On August 5, a nurse in Lagos was the first Nigerian to die of the virus. This is particularly horrifying, as Lagos is the most populous city in Africa, densely packed with an estimated 21 million citizens. Nigeria is scrambling to contain the plague as new cases pop up left and right, but how successful they will be and how many will die remains unknown.
The 2014 outbreak seems to have spread to Guinea, with dozens of cases reported by the Ministry of Health by March 24, 2014. Within a span of months, it managed to cross borders, taking hold in the neighboring nations of Sierra Leone, Liberia, and the Ivory Coast, leading the American CDC to issue a travel advisory against visiting afflicted countries.
9Arrival In America
When news of the 2014 Ebola outbreak first broke, those in the West listened warily but without great concern. After all, Ebola had sprung up intermittently for over 30 years without causing significant damage. But when it was announced that an infected American, Dr. Kent Brantly, would be transported back to the United States, panic ensued. Recognizing a juicy story, the media only made matters worse.
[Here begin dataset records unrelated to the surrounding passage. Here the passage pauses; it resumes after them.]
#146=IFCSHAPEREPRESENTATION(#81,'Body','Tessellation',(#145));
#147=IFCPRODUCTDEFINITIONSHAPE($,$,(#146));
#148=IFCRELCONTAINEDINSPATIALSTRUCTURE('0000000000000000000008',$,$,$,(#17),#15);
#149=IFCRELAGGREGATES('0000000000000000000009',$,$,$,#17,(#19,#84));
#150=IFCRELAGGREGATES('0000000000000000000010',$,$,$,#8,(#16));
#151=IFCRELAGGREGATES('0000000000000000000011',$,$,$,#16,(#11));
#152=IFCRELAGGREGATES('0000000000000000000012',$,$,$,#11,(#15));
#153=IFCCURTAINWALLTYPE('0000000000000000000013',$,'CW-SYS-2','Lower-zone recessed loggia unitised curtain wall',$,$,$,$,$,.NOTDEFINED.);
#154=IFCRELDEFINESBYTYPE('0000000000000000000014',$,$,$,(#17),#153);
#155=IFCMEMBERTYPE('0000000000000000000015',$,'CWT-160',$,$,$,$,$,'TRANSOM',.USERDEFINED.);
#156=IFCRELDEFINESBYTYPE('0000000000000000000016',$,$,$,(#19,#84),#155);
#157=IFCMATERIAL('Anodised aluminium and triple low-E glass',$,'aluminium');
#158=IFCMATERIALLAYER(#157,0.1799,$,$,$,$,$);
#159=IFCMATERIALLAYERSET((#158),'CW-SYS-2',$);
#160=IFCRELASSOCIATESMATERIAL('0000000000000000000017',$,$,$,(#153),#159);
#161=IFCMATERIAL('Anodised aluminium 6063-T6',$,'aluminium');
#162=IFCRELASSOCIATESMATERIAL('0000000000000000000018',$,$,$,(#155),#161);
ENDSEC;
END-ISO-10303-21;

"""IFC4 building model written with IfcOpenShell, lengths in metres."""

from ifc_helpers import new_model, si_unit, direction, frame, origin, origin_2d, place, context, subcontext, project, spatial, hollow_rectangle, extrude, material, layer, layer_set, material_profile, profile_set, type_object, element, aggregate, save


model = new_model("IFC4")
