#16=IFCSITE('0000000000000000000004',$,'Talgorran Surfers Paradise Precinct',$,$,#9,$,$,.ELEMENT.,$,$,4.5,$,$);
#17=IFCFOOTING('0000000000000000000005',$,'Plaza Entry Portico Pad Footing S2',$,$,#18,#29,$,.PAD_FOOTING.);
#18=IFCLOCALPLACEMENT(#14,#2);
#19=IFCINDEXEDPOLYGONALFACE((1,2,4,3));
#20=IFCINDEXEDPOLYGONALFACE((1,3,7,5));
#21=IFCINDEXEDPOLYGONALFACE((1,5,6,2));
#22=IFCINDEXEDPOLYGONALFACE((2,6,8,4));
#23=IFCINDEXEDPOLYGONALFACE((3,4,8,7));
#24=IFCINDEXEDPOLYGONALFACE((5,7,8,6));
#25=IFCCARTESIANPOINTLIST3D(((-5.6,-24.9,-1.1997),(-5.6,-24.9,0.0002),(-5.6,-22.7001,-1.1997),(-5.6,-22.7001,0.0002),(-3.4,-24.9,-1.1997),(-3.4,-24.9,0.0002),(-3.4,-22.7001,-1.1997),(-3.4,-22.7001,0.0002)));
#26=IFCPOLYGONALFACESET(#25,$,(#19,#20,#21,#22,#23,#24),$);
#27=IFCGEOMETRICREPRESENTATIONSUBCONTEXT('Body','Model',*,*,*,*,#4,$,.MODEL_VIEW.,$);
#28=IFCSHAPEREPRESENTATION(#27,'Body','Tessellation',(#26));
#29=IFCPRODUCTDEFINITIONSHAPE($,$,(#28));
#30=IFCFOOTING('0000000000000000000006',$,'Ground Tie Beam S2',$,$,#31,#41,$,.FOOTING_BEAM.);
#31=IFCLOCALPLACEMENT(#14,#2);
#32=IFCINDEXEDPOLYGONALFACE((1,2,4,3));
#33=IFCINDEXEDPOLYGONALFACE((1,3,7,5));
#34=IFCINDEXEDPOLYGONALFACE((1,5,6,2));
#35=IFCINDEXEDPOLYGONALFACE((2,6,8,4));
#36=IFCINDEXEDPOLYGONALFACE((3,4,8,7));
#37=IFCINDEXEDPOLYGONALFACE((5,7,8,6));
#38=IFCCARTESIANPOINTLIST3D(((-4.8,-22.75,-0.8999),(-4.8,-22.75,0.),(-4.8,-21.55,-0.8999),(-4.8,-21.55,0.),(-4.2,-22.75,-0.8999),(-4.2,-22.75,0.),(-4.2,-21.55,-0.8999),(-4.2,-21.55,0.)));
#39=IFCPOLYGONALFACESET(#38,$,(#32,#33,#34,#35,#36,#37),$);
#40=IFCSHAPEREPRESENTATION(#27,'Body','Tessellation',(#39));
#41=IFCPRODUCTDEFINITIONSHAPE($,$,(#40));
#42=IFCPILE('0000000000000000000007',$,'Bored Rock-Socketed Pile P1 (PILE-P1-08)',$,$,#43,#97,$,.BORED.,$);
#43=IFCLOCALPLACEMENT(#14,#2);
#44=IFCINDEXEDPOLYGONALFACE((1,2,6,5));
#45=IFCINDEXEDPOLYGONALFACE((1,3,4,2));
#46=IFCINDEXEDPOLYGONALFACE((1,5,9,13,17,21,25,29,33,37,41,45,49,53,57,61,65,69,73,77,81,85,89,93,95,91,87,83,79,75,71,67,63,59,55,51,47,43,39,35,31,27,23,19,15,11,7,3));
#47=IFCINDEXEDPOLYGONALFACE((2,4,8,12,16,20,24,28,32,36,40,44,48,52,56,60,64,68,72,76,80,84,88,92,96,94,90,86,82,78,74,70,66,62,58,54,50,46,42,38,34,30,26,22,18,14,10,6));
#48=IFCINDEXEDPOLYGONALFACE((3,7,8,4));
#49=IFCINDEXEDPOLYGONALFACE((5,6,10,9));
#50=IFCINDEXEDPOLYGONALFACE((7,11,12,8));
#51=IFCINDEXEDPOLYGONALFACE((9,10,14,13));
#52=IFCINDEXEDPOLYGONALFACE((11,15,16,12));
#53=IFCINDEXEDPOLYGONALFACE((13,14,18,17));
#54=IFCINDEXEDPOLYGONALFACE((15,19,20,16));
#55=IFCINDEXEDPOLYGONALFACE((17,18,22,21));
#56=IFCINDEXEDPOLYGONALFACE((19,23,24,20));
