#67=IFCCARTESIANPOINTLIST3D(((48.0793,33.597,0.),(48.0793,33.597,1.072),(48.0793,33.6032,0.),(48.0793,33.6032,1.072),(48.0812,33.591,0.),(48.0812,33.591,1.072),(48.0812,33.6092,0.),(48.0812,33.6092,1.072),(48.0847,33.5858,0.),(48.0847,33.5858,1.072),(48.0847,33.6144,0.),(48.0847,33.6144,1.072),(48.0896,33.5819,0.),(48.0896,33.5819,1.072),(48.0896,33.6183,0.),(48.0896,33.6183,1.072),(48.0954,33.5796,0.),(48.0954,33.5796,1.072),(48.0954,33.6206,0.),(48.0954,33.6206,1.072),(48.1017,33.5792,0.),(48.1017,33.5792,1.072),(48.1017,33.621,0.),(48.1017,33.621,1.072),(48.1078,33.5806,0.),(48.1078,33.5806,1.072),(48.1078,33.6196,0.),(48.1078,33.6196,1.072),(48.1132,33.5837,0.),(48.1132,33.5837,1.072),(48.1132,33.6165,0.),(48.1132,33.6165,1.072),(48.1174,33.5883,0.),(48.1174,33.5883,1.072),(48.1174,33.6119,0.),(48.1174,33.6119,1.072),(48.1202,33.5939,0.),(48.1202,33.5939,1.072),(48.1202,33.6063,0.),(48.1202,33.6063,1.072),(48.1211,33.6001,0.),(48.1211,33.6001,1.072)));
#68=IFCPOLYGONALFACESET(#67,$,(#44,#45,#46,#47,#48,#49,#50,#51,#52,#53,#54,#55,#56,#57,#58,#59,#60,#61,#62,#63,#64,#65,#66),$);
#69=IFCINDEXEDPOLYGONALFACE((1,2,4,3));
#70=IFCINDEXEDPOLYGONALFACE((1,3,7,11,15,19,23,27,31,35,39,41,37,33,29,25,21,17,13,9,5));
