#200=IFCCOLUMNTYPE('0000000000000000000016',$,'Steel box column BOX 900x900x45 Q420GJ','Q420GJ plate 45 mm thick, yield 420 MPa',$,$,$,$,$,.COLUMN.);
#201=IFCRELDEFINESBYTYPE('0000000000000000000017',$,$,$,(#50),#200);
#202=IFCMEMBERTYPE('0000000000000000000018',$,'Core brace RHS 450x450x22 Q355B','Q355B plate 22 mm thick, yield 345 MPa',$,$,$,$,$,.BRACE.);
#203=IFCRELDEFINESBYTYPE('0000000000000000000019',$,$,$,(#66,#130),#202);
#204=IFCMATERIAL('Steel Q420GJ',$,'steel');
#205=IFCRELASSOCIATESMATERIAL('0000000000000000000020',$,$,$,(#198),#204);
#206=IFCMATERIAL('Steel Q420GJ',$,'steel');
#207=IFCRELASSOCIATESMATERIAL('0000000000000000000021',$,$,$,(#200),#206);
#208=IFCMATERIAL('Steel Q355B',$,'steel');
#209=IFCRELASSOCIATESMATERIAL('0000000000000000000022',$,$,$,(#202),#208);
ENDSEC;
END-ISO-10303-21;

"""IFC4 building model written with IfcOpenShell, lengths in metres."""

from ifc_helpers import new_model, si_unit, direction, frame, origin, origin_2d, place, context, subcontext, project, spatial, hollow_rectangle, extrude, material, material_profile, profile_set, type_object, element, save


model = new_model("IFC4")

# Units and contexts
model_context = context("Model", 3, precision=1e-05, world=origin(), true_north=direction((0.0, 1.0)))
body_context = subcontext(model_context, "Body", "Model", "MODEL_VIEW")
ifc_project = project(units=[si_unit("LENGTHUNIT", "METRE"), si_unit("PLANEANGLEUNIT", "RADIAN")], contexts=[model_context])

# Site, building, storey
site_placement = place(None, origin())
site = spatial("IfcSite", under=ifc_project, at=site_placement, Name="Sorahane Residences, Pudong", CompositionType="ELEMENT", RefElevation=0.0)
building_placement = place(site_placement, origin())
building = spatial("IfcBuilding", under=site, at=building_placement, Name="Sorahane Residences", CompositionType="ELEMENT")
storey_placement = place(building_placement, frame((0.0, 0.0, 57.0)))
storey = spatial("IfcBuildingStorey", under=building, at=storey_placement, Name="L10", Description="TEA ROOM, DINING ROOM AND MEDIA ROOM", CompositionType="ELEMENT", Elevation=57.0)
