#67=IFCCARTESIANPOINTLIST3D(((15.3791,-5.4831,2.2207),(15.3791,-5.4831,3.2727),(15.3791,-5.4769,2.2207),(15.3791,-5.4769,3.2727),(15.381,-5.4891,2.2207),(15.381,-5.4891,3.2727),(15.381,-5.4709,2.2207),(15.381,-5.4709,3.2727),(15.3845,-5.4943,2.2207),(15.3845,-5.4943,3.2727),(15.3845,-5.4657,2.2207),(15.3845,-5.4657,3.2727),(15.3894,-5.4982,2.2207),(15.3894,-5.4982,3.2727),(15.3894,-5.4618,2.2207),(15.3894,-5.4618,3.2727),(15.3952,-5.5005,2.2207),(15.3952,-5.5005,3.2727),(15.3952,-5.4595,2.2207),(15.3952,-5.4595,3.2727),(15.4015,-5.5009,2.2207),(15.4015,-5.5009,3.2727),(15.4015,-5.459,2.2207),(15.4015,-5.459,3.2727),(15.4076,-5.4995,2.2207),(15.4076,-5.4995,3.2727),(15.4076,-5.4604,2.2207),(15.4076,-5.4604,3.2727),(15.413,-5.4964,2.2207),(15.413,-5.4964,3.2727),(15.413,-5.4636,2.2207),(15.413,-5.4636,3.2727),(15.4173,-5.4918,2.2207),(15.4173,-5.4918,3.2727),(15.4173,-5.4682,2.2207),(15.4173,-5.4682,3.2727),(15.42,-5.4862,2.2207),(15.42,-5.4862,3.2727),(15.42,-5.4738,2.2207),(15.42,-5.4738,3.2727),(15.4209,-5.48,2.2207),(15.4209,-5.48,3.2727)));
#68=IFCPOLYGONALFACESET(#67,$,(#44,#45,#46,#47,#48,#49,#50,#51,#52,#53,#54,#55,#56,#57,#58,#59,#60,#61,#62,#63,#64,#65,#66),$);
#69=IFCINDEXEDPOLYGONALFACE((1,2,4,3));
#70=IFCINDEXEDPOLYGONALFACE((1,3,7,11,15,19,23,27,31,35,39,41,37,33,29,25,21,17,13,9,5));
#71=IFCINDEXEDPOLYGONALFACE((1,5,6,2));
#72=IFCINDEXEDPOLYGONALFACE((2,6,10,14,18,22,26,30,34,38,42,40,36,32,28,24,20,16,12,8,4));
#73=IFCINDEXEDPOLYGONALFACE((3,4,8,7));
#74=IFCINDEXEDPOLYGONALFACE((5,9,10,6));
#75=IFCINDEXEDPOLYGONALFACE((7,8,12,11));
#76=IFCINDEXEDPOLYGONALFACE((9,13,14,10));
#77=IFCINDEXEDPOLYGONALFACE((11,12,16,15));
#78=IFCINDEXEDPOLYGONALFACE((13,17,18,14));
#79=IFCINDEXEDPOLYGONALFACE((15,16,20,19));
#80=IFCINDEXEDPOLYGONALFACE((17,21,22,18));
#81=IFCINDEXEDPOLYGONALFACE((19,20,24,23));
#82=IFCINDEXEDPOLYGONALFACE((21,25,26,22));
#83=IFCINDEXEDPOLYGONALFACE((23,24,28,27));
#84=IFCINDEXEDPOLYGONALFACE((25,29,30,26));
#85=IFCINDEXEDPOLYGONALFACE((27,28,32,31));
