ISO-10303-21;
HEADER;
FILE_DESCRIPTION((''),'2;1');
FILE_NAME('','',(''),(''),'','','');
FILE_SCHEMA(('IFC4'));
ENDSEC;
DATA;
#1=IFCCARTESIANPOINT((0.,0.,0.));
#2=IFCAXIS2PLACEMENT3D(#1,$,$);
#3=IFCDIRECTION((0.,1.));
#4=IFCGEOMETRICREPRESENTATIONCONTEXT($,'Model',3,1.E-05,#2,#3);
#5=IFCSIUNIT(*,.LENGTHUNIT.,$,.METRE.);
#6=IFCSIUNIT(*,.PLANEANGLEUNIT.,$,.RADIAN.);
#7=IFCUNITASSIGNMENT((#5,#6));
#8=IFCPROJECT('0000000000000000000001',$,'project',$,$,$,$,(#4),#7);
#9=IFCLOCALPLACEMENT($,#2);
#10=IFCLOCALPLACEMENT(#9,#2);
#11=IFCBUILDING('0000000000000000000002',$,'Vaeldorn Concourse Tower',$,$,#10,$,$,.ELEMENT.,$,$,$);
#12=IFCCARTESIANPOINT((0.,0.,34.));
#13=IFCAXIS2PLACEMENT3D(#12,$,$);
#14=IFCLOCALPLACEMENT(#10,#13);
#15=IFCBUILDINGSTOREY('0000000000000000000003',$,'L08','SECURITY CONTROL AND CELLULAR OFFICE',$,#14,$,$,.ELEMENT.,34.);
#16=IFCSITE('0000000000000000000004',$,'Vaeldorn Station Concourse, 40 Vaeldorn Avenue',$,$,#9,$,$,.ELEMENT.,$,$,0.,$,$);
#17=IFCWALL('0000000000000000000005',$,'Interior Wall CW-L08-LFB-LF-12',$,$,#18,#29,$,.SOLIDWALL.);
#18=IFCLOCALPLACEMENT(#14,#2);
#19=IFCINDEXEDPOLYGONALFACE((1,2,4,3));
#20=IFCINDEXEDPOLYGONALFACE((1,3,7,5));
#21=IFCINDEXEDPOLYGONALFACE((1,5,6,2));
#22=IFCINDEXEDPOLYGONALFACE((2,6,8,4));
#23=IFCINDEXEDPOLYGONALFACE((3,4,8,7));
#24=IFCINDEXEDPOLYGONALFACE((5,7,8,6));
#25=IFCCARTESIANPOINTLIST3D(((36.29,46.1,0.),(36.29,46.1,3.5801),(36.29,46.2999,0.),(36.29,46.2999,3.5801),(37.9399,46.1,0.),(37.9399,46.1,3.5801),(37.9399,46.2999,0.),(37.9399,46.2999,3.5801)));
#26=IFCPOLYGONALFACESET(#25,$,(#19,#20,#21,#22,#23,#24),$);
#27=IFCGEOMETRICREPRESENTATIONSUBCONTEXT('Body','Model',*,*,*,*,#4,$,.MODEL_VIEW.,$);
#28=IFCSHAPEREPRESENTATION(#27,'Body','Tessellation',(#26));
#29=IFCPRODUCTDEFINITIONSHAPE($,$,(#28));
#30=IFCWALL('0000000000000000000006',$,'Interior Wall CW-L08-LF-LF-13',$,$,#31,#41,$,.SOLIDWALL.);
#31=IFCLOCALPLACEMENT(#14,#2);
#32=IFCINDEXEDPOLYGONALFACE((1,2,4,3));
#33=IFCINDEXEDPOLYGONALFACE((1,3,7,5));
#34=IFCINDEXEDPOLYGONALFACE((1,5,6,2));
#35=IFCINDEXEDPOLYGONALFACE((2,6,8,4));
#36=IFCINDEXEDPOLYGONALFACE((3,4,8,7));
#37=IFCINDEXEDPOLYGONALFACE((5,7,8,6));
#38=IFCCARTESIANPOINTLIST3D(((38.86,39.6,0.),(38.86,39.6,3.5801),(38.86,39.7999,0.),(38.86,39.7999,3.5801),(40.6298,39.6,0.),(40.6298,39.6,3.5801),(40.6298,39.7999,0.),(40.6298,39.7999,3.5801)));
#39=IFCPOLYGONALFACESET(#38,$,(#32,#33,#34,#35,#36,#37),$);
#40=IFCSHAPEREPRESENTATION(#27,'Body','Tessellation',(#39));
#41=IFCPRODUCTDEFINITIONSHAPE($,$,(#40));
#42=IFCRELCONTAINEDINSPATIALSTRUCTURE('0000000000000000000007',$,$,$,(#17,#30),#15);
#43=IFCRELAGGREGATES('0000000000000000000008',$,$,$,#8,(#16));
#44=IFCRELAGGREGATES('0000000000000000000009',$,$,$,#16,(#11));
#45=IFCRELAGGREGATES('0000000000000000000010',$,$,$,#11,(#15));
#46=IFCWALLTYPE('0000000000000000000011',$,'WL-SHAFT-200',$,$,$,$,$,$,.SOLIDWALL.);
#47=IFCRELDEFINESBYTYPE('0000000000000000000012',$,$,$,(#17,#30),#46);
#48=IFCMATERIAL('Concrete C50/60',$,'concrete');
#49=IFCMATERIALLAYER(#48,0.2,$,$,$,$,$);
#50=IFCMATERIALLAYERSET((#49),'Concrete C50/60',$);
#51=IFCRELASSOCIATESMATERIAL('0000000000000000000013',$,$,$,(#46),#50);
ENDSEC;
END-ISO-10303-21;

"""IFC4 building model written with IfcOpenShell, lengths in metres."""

from ifc_helpers import new_model, si_unit, direction, frame, frame_2d, origin, place, context, subcontext, project, spatial, rectangle, extrude, material, layer, layer_set, type_object, element, save


model = new_model("IFC4")

# Units and contexts
model_context = context("Model", 3, precision=1e-05, world=origin(), true_north=direction((0.0, 1.0)))
body_context = subcontext(model_context, "Body", "Model", "MODEL_VIEW")
ifc_project = project(units=[si_unit("LENGTHUNIT", "METRE"), si_unit("PLANEANGLEUNIT", "RADIAN")], contexts=[model_context])

# Site, building, storey
site_placement = place(None, origin())
site = spatial("IfcSite", under=ifc_project, at=site_placement, Name="Vaeldorn Station Concourse, 40 Vaeldorn Avenue", CompositionType="ELEMENT", RefElevation=0.0)
building_placement = place(site_placement, origin())
building = spatial("IfcBuilding", under=site, at=building_placement, Name="Vaeldorn Concourse Tower", CompositionType="ELEMENT")
storey_placement = place(building_placement, frame((0.0, 0.0, 34.0)))
storey = spatial("IfcBuildingStorey", under=building, at=storey_placement, Name="L08", Description="SECURITY CONTROL AND CELLULAR OFFICE", CompositionType="ELEMENT", Elevation=34.0)

# Walls
ifc_material_1 = material(Name="Concrete C50/60", Category="concrete")
ifc_layer_1 = layer(ifc_material_1, 0.2)
ifc_layer_set_1 = layer_set([ifc_layer_1], Name="Concrete C50/60")
wall_type_1 = type_object("IfcWallType", Name="WL-SHAFT-200", PredefinedType="SOLIDWALL", material=ifc_layer_set_1)
for number, where, z_axis, x_axis, name in (
    (1, (36.29, 46.2, 0.0), (0.0, 0.0, 1.0), (1.0, 0.0, 0.0), "Interior Wall CW-L08-LFB-LF-12"),
):
    element("IfcWall", number, at=place(storey_placement, frame(where, z_axis=z_axis, x_axis=x_axis)), inside=storey, type_object=wall_type_1, Name=name, PredefinedType="SOLIDWALL", context=body_context, shape_type="SweptSolid", body=[
        extrude(rectangle(XDim=1.6499, YDim=0.2, at=frame_2d((0.825, 0.0))), origin(), (0.0, 0.0, 1.0), 3.5801),
    ])
wall_1_placement = place(storey_placement, frame((38.8601, 39.7, 0.0), z_axis=(0.0, 0.0, 1.0), x_axis=(1.0, 0.0, 0.0)))
element("IfcWall", 2, at=wall_1_placement, inside=storey, type_object=wall_type_1, Name="Interior Wall CW-L08-LF-LF-13", PredefinedType="SOLIDWALL", context=body_context, shape_type="SweptSolid", body=[
    extrude(rectangle(XDim=1.7698, YDim=0.2, at=frame_2d((0.8848, 0.0))), origin(), (0.0, 0.0, 1.0), 3.5801),
])

save(model, "model.ifc")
The 33-year-old doctor was transported from Liberia via air ambulance, arriving in the US on August 2, 2014. He was brought to Emory University Hospital in Atlanta, Georgia, which is outfitted with a sophisticated biocontainment patient care unit replete with ultraviolet lights and air filtration systems.
If this does not assuage your fears, experts claim that even if Ebola somehow did make its way out of the hospital and take root in the general population, its impact would be quite minimal. According to epidemiologist Ian Lipkin of Columbia University, “Sustained outbreaks would not occur in the US because cultural factors in the developing world that spread Ebola—such as intimate contact while family and friends are caring for the sick and during the preparation of bodies for burial—aren’t common in the developed world. Health authorities would also rapidly identify and isolate infected individuals.”
8Discovery
The first recorded outbreaks of Ebola occurred around the same time in 1976 in Zaire (now the Democratic Republic of the Congo) and Sudan. When people began dying of a mystery ailment, William Close, the personal physician of Zaire President Mobutu Sese Seko, sent for a team of experts from Belgium’s Institute of Tropical Medicine. Their research focused on the village of Yambuku, where the first known case infected Mabalo Lokela, the headmaster of the village school, and quickly spread to other people in the village. The Belgian team decided to call the virus “Ebola” after the nearby Ebola River rather than stigmatize Yambuku.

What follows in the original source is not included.